Published: 09/11/2017 07:00 - Updated: 07/11/2017 11:25

Appeal for more awareness after Nairn boy's brain damage reaction to tick bite

Written byDonna MacAllister

 

Amy Mitchell
Nairn mum Amy Mitchell with son Adam and his little brother Blair in better days before the bite.

A MOTHER has spoken out after her six-year-old son contracted meningitis plus brain and central nervous system damage after being bitten by a tick carrying Lyme disease.

Amy Mitchell’s son Adam suffered full facial paralysis and was left unable to blink or swallow after the tiny bite. He has been left with additional support needs as he struggles to process information and has coordination and incontinence problems.

Doctors thought he had a viral infection until tests eventually confirmed he had Lyme disease.

The Auldearn Primary School pupil did not suffer any of the symptoms normally associated with a tick bite and no-one knows when it happened.

"This year has been pretty rotten and heartbreaking," said Mrs Mitchell.

"We could’ve lost Adam, and that’s the frightening thing. We want to tell his story even if just to warn other mums to keep going back to the doctor if they feel something isn’t quite right."

The family’s nightmare started in April when Adam became a shadow of his former self.

"He was just really lacklustre," said Mrs Mitchell.

"He was getting off the school bus with his shoulders slumped and then coming straight home and lying on the sofa under a blanket every night.

"His wee brother was trying to play with him but there was just nothing in him. It was almost like he was depressed. We phoned the school, we thought he might be getting bullied."

Teachers noticed Adam was more tired in the class. No-one knew the cause.

Mrs Mitchell made a routine appointment to see a GP but meantime things took a turn for the worse.

"He came home from school complaining of a sore head and when I tried to touch it he started screaming," she said.

"The glands in his neck were like a bunch of grapes. I gave him some Calpol and I got an emergency appointment to see the doctor but by the time we got to the surgery he had a rash on his head. The doctor examined him all over and she said it was viral.

"I explained the history. I asked if she would take some blood, she was adamant it wasn’t needed. So off we went with advice to just give him Calpol and if he deteriorated to bring him straight back."

Mrs Mitchell and her husband David kept a close eye on Adam over the next few days.

The rash went away but the lethargy did not lift. They went to see the doctor for their routine appointment and again the doctor suspected it was viral.

"Again I asked for bloods to be taken", said Mrs Mitchell. "I said I just felt something was not right with Adam. Again I was told it wasn’t needed, he had a viral."

But within days the school rang saying Adam’s face appeared to be drooping.

"He looked like a stroke patient," said Mrs Mitchell. "He had fever. I phoned the surgery. They said a doctor would phone back. An hour went by, he was just lying on the sofa not right at all so I took him to Raigmore myself.

"I didn’t want to be told that it was a viral again."

Staff at accident and emergency thought he may have suffered a head injury, but there was no trauma.

They diagnosed his facial paralysis as Bell’s palsy linked to a viral infection and said it could take anything from a fortnight to a year to ease up.
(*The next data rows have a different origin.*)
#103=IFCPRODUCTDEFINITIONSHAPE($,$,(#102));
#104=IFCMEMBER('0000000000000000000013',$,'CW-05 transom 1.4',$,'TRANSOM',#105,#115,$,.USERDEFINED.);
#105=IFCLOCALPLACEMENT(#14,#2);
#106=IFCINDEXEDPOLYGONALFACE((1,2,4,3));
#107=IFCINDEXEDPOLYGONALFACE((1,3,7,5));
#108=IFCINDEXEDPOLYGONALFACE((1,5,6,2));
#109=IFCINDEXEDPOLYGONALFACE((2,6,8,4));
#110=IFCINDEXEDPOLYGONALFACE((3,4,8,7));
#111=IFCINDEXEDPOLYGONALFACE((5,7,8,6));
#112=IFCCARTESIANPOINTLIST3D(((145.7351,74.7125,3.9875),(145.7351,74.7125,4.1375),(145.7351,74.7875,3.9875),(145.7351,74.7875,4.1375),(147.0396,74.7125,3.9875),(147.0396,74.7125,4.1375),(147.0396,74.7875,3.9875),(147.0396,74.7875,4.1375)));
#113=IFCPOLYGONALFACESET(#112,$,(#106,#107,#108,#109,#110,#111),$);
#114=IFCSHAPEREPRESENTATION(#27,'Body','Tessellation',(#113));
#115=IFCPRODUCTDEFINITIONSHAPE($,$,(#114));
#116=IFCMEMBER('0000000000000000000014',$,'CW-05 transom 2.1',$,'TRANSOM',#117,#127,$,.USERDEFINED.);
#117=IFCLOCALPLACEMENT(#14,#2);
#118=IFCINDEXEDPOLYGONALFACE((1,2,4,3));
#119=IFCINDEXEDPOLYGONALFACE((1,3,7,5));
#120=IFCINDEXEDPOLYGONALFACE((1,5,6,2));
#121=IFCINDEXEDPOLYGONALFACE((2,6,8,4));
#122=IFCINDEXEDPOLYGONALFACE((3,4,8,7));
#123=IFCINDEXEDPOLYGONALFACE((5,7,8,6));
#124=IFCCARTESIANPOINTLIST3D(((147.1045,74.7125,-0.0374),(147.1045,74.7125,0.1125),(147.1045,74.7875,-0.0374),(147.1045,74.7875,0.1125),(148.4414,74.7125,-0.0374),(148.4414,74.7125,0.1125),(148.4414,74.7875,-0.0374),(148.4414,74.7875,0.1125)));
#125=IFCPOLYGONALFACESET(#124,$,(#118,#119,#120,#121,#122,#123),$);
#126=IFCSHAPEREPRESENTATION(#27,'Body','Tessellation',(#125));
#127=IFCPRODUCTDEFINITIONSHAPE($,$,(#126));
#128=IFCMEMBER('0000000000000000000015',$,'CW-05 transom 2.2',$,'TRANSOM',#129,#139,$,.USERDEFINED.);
The family had an appointment with an ear nose and throat specialist in Elgin days later as Adam was still under routine checks after having had grommets inserted when he was three.
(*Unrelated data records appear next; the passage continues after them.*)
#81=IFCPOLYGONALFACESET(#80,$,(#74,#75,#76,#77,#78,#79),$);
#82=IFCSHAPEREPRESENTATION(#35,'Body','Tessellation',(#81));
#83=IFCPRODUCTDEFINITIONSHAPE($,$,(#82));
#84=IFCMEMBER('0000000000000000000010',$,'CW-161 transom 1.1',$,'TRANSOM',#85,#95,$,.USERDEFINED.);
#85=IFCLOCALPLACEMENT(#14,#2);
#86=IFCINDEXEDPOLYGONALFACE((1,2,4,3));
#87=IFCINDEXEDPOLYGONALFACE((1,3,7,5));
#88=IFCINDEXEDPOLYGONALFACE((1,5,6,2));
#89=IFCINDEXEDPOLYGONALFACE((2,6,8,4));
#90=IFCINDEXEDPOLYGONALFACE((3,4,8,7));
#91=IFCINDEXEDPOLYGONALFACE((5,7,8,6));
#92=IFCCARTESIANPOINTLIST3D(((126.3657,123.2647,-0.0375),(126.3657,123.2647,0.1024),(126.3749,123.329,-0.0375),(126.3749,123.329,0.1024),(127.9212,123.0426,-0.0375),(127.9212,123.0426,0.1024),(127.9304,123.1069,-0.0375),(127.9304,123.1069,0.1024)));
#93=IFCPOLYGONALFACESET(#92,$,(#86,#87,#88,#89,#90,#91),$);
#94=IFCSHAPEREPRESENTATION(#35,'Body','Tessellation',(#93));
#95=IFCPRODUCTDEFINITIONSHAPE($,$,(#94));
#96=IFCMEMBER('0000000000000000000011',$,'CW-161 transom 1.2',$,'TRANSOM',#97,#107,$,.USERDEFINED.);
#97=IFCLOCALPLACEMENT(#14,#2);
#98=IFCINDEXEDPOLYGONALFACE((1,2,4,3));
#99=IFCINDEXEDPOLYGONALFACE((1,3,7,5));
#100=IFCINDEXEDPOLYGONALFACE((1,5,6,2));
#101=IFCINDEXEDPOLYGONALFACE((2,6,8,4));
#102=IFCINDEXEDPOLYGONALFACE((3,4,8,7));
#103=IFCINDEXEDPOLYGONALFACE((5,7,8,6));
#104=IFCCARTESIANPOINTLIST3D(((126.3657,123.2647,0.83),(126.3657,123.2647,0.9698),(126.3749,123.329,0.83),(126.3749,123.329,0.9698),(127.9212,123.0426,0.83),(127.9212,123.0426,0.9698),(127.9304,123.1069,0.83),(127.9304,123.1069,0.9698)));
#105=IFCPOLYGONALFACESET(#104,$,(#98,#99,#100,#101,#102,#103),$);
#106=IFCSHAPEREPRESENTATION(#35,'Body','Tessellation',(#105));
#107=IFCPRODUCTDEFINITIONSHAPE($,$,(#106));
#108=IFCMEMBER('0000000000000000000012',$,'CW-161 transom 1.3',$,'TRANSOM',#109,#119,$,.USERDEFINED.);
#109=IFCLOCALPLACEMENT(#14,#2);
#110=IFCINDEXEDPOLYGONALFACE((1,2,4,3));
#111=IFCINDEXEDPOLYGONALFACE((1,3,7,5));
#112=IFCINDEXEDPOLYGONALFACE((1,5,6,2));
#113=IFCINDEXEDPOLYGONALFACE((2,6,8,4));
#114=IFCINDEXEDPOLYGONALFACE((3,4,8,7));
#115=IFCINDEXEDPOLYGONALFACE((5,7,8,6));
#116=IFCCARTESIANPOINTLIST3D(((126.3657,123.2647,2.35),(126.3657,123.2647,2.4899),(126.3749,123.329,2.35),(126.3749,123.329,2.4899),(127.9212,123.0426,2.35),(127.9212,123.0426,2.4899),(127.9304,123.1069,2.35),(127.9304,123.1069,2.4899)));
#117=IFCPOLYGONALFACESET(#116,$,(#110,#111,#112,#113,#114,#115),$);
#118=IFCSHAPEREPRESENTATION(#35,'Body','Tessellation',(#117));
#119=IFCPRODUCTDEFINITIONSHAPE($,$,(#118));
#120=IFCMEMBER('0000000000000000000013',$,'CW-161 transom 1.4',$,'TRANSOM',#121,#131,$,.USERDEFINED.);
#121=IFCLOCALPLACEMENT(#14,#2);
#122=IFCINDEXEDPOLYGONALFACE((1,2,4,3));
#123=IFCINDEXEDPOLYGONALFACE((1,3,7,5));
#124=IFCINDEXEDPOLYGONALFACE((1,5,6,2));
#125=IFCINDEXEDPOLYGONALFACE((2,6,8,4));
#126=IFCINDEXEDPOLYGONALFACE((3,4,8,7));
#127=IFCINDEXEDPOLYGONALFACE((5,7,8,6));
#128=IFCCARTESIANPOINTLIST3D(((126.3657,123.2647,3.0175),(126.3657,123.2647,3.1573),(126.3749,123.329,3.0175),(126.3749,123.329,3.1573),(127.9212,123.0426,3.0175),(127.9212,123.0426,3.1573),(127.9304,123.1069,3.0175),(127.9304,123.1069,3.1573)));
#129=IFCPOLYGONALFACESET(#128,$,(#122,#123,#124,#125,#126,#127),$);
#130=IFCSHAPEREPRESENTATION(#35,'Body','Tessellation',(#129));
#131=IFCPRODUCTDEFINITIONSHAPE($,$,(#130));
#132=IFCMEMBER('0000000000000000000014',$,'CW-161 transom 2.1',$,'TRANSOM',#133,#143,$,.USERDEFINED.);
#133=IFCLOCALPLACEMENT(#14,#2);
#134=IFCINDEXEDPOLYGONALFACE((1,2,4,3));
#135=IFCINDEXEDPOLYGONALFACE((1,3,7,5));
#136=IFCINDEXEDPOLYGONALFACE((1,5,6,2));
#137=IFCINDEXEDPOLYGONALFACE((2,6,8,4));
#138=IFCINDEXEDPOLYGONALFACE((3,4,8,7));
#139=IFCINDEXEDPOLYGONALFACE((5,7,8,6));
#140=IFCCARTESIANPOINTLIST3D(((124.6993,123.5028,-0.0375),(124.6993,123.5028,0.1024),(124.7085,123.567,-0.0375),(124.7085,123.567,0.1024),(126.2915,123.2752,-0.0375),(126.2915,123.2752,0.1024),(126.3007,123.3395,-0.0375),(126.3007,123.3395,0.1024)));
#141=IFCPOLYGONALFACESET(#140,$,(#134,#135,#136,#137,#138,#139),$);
Mrs Mitchell said: "As soon as the specialist looked at Adam she said ‘Why has nobody taken bloods yet?’"

"I felt so guilty. I wanted to kick myself for not pushing harder to get them done."

Days later Adam woke up with full facial paralysis.
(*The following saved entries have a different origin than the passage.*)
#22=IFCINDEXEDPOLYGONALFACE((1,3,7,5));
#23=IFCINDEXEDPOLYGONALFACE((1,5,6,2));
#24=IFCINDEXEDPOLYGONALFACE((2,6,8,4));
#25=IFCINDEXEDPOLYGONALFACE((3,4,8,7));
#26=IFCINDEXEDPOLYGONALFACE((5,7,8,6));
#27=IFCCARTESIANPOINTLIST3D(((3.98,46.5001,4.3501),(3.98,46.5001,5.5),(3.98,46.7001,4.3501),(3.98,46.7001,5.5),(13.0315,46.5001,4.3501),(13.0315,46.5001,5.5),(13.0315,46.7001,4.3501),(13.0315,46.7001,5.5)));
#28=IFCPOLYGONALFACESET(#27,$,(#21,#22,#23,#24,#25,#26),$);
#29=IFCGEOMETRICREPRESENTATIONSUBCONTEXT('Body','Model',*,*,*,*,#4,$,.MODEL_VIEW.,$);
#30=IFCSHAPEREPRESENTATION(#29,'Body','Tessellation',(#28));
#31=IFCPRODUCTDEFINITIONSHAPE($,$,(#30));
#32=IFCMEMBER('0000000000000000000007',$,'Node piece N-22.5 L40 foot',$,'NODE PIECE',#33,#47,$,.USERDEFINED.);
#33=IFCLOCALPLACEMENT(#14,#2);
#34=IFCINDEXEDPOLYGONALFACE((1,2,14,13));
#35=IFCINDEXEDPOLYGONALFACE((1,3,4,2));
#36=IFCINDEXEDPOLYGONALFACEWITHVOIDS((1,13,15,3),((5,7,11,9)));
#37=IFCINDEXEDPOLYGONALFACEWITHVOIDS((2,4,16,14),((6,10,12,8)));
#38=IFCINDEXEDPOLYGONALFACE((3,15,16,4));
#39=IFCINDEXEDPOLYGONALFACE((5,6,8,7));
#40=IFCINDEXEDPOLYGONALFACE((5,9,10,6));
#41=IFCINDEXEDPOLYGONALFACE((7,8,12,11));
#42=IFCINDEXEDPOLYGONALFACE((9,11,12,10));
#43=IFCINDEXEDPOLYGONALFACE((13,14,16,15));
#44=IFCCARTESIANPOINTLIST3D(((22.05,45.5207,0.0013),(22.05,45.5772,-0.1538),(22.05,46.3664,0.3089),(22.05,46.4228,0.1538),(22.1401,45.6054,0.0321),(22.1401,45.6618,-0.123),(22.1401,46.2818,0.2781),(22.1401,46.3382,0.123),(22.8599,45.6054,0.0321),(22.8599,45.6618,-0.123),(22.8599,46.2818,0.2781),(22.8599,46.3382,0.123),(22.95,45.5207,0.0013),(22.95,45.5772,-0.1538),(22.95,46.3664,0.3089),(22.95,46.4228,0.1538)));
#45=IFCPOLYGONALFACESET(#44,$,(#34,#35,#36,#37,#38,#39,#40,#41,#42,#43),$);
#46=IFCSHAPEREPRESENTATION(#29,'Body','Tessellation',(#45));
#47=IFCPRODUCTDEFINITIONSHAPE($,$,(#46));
Mrs Mitchell said: "He couldn’t close his eyes. He was crying and there were little tears falling down but his face was fixed. There was no expression."

An MRI and blood tests confirmed he had Lyme disease in his blood. He spent a week in Raigmore Hospital and a month receiving antibiotics intravenously for Lyme disease. Medics inadvertently treated meningitis.

A later scan showed changes in Adam’s brain consistent with damage caused by Lyme disease.

"We want to make people aware of what Lyme disease can do," said Mrs Mitchell.

"We can’t change what’s happened to Adam but we can help to raise awareness."